Evo

Cupra Leon Estate 310

Capable but not compelling, our Cupra from the ICE age has departed

- Adam Towler (@Adamtowler)

WHAT CAN WE SAY ABOUT EVO’S DEPARTING Cupra Fast Fleeter? No, that’s not a rhetorical question – I mean it: what can we actually say that we haven’t already said? I knew the day was approachin­g when I would have to write this end-of-term report, and I can’t say I’ve been particular­ly looking forward to it. The Cupra Leon Estate has been a fast and fairly practical means of transport, but I’m afraid I just didn’t gel with it in the end, and I can’t say I miss it now it’s gone.

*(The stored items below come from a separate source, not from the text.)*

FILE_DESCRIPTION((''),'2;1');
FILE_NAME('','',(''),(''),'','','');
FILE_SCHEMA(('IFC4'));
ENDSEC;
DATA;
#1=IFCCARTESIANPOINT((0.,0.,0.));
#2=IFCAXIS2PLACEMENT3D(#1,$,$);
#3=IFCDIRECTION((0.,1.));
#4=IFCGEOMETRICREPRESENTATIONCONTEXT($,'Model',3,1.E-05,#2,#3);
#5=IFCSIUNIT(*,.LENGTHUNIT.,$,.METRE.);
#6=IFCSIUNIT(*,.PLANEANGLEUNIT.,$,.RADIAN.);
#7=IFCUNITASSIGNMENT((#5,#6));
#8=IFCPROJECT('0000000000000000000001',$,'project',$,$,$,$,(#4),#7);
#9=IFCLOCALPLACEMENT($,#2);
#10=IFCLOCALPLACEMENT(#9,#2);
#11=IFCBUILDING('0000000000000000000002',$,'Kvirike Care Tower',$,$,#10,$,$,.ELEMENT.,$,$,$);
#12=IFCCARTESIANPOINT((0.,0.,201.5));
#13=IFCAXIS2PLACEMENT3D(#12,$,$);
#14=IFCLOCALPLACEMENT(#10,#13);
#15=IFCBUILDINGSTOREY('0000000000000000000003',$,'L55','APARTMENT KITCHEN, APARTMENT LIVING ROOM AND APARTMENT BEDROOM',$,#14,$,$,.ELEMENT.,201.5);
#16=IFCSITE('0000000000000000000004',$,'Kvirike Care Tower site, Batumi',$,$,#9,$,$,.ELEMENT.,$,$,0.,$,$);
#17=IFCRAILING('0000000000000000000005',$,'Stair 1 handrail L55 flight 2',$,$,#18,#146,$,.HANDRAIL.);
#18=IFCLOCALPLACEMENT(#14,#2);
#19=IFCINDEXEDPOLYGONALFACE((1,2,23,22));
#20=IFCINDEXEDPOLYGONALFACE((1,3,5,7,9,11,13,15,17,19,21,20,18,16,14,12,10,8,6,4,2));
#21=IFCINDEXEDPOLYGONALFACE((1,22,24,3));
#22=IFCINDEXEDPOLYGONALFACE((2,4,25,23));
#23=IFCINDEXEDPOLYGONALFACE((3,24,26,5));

For me, the trouble with cars like the Leon is that it feels rather obvious the game has moved on – both for manufactur­ers and for driving enthusiast­s. With the former, the obvious lack of real joy in the Leon gives a strong hint that the brand – as with the rest of the VW Group – has already turned its attention to EVS, and both financiall­y and intellectu­ally is simply going through the motions with its remaining ICE cars. We’d say much the same about the Golf Mk8, for example, although the Skoda Octavia manages to avoid much of this criticism. For drivers, meanwhile, the Leon lacks the sparkle that used to mark out fast SEATS as an interestin­g alternativ­e. Sure, they were rarely class leaders, but there was always a place for them as a cheaper, often more feisty relation to other members of the parent group, let alone the market as a whole. Yet all of us struggled to really pinpoint what the Cupra brand and this car really stood for.

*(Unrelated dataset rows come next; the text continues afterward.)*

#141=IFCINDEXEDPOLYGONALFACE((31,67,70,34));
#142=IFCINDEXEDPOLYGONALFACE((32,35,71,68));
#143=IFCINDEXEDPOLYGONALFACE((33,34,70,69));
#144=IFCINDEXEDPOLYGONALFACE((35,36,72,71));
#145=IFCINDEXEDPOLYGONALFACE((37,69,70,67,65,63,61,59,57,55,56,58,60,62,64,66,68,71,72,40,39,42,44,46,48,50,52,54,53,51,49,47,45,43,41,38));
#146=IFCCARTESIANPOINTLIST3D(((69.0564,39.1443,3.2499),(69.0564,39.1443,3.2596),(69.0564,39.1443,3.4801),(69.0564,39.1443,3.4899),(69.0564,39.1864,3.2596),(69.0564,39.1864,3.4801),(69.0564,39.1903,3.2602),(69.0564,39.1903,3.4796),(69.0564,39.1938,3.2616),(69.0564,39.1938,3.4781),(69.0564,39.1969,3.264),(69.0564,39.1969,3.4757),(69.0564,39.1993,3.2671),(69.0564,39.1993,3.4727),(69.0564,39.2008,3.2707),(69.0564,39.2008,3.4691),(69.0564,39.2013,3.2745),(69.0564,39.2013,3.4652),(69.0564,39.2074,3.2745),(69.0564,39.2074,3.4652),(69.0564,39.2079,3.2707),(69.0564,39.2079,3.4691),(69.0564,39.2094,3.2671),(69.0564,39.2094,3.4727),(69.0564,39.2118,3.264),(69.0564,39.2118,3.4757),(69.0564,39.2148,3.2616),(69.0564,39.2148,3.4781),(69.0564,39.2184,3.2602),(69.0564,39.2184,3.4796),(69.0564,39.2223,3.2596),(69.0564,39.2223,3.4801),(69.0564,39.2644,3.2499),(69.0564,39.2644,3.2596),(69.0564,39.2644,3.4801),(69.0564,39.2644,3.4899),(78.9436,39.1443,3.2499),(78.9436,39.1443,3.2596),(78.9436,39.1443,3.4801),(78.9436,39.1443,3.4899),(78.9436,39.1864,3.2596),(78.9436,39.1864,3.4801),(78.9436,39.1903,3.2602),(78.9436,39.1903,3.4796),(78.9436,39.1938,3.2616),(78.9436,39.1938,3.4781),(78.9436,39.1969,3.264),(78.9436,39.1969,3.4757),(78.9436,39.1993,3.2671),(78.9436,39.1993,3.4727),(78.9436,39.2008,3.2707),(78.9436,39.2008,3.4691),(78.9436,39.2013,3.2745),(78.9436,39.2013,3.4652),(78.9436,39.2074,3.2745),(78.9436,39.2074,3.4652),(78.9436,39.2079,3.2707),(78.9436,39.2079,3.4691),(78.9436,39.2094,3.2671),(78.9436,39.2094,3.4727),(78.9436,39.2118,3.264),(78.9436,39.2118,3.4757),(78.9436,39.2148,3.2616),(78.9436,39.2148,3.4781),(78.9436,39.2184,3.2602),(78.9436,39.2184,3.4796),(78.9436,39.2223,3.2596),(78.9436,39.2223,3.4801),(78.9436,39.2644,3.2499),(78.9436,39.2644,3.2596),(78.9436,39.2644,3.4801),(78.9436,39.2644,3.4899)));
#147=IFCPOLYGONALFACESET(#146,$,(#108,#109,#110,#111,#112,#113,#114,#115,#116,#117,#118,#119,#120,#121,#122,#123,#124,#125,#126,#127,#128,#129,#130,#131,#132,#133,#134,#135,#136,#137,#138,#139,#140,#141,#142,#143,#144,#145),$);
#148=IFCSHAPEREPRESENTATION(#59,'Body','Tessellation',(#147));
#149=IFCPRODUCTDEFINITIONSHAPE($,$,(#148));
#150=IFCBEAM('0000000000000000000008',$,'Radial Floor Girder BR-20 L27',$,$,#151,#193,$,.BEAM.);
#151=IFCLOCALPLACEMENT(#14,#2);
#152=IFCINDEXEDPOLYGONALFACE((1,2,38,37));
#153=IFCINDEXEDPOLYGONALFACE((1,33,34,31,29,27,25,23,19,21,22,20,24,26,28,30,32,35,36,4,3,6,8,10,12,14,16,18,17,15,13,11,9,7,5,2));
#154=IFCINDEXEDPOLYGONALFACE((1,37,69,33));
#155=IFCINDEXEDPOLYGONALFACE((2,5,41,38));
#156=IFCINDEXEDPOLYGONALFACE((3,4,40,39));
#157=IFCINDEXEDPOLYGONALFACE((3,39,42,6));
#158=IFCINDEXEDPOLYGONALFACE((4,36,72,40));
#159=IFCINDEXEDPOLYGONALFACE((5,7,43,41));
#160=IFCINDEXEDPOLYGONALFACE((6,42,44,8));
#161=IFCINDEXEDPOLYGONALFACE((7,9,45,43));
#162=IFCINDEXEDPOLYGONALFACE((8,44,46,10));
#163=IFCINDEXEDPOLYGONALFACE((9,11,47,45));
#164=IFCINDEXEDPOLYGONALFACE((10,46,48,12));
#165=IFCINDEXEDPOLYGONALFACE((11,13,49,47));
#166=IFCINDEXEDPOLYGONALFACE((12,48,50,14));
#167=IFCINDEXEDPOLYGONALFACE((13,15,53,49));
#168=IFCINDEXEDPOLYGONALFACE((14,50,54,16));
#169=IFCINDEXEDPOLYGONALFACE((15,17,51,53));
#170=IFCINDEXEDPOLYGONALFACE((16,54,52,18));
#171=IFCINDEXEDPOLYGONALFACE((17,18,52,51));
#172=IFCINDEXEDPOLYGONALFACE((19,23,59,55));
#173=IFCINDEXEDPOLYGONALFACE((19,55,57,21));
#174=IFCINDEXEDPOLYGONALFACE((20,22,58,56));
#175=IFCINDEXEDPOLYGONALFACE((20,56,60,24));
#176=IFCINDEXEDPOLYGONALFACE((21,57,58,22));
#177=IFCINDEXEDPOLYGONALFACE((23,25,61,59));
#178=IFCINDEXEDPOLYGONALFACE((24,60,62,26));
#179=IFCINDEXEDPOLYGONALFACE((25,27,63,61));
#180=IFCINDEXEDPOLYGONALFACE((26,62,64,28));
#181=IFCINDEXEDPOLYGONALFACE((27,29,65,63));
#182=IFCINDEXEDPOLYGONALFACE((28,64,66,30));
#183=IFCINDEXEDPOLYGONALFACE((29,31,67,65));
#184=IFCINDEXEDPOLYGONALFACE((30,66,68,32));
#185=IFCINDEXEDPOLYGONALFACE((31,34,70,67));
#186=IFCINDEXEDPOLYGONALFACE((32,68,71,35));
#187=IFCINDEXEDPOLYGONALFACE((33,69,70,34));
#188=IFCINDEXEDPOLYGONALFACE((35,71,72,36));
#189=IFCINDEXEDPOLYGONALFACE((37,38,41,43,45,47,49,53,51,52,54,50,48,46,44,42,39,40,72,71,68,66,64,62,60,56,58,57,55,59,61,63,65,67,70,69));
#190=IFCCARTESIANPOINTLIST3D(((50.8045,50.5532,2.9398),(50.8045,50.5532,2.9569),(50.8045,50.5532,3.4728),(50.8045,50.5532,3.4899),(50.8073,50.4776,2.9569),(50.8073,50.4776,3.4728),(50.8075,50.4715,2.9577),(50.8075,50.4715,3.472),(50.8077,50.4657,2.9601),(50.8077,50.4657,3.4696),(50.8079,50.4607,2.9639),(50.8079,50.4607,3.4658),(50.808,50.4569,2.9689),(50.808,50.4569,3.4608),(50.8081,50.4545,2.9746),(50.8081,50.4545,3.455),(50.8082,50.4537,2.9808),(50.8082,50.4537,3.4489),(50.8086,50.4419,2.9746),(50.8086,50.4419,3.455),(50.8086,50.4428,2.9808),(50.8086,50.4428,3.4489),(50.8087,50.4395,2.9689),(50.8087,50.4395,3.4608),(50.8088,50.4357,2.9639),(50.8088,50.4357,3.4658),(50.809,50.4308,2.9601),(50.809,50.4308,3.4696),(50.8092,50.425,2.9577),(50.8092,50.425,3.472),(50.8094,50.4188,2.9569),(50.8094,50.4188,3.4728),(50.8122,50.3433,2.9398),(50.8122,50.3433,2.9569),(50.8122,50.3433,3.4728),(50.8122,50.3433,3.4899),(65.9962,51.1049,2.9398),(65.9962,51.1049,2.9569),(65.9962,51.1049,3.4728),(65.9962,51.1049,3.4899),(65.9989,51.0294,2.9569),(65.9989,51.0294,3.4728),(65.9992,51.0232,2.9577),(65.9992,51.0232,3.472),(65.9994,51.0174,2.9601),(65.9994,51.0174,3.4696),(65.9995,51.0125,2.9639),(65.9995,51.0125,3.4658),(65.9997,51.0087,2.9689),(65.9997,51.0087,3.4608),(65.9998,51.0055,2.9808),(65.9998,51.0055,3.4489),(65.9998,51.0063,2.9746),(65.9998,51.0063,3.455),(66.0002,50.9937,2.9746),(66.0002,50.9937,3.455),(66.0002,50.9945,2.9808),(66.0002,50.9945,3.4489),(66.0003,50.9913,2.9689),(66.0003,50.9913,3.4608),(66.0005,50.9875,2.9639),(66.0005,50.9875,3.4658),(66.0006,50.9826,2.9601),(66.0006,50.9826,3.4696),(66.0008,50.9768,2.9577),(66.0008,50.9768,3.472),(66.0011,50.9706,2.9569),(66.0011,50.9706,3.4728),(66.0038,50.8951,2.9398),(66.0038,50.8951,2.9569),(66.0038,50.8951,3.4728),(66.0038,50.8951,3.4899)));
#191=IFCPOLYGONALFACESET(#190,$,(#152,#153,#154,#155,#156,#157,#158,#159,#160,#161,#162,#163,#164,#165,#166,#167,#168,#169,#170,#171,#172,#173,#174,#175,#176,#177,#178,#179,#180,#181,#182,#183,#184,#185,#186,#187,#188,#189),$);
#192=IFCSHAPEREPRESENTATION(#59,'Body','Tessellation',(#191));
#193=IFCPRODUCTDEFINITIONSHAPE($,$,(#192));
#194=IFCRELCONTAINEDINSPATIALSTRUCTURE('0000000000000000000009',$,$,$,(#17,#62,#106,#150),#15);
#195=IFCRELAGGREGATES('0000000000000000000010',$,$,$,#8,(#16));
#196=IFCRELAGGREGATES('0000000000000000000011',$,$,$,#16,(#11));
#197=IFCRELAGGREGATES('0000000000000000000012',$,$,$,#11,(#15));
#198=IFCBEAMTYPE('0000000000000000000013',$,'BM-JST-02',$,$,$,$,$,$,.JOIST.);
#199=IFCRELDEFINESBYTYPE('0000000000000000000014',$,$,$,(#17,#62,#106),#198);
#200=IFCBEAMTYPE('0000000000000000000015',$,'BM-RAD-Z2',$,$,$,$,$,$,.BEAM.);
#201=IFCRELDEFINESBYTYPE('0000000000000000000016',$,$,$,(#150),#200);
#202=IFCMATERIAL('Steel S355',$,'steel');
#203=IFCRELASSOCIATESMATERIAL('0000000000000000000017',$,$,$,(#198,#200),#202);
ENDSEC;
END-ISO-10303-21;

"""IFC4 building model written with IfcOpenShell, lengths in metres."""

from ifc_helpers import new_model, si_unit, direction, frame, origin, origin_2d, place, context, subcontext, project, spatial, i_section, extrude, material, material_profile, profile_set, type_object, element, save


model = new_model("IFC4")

That isn’t to say the Leon Estate 310 is a bad car. It can cover ground at an astonishin­g rate, in all weathers, and this must be made clear. It offers all the usual infotainme­nt trinkets buyers expect, and is never what you could call ugly to look at – although our car’s Graphene Grey paint looked dowdy in anything bar spotlessly clean condition and bright sunlight. In many ways our Leon did everything that was asked of it, and you might say, ‘Well, what’s the problem then?’ But often I felt I could have done the same journey with the same level of reward in a smaller-engined – and more practical – Octavia Estate, for example, and for a 306bhp fast estate at over £40,000 that shouldn’t be a thought that’s anywhere near the mind.

Dislikes? Standouts were the operating system, which it shares with all the VW Group cars of this generation and gets no more satisfying to use over time. The twin-clutch ’box could be irritating if left to its own devices, but the paddles were the usual tiny items. It also lacked refinement at times, with a surprising amount of road and wind noise, perhaps exacerbate­d by the open volume of an estate and the large, panoramic glass roof. Quite a few passengers commented on this, so it wasn’t just over-sensitive road-tester ears in play.

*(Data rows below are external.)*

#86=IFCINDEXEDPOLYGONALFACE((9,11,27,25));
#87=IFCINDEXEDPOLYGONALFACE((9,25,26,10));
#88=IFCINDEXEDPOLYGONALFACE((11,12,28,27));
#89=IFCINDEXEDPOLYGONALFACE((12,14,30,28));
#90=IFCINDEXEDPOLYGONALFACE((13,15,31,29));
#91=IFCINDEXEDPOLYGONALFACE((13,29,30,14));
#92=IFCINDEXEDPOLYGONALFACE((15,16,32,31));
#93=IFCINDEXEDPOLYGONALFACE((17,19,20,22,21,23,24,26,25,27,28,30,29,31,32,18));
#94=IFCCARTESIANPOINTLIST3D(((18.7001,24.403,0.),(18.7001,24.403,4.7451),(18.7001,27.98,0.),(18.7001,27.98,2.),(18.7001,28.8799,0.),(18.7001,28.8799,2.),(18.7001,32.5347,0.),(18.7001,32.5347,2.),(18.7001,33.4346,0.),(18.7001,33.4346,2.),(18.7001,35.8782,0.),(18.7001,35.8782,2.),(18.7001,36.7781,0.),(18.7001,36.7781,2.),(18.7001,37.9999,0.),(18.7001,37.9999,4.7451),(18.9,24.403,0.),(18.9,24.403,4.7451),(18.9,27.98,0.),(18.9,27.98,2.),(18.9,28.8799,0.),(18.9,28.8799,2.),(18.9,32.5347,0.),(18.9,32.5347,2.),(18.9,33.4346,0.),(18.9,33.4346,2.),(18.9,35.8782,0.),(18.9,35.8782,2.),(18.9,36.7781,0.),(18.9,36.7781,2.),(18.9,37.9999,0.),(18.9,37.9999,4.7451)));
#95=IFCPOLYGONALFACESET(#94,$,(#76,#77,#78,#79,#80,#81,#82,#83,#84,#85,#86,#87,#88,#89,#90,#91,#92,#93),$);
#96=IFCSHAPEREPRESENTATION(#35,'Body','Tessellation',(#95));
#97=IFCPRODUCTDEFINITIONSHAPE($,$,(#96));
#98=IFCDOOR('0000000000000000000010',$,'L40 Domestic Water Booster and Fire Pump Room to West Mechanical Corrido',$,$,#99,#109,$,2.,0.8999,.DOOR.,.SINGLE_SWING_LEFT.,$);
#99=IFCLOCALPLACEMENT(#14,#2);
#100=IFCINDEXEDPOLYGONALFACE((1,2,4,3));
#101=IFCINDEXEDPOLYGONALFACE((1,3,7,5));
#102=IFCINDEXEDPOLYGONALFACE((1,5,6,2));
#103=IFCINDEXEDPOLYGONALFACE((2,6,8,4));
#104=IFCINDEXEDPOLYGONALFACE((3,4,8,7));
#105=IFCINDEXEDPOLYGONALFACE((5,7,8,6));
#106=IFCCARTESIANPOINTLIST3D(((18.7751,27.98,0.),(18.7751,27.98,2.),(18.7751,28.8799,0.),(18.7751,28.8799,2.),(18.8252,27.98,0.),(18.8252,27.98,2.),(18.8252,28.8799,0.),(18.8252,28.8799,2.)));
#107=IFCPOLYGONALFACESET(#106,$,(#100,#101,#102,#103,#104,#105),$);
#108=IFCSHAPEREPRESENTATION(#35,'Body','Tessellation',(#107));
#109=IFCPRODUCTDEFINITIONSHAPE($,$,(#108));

And so the final feeling is one of ambivalenc­e. A decent car, but one lacking purpose and definition. Our new Born, meanwhile, is already garnering some praise, so it seems the world moves on, and in some cases the old ways should be left behind.

Date acquired February 2022 Duration of test 6 months Total test mileage 5901 Overall mpg 32.2 Total costs £0 Purchase price £43,525 Value today £36,950

‘It lacked the sparkle that used to mark out fast SEATS as an interestin­g alternativ­e’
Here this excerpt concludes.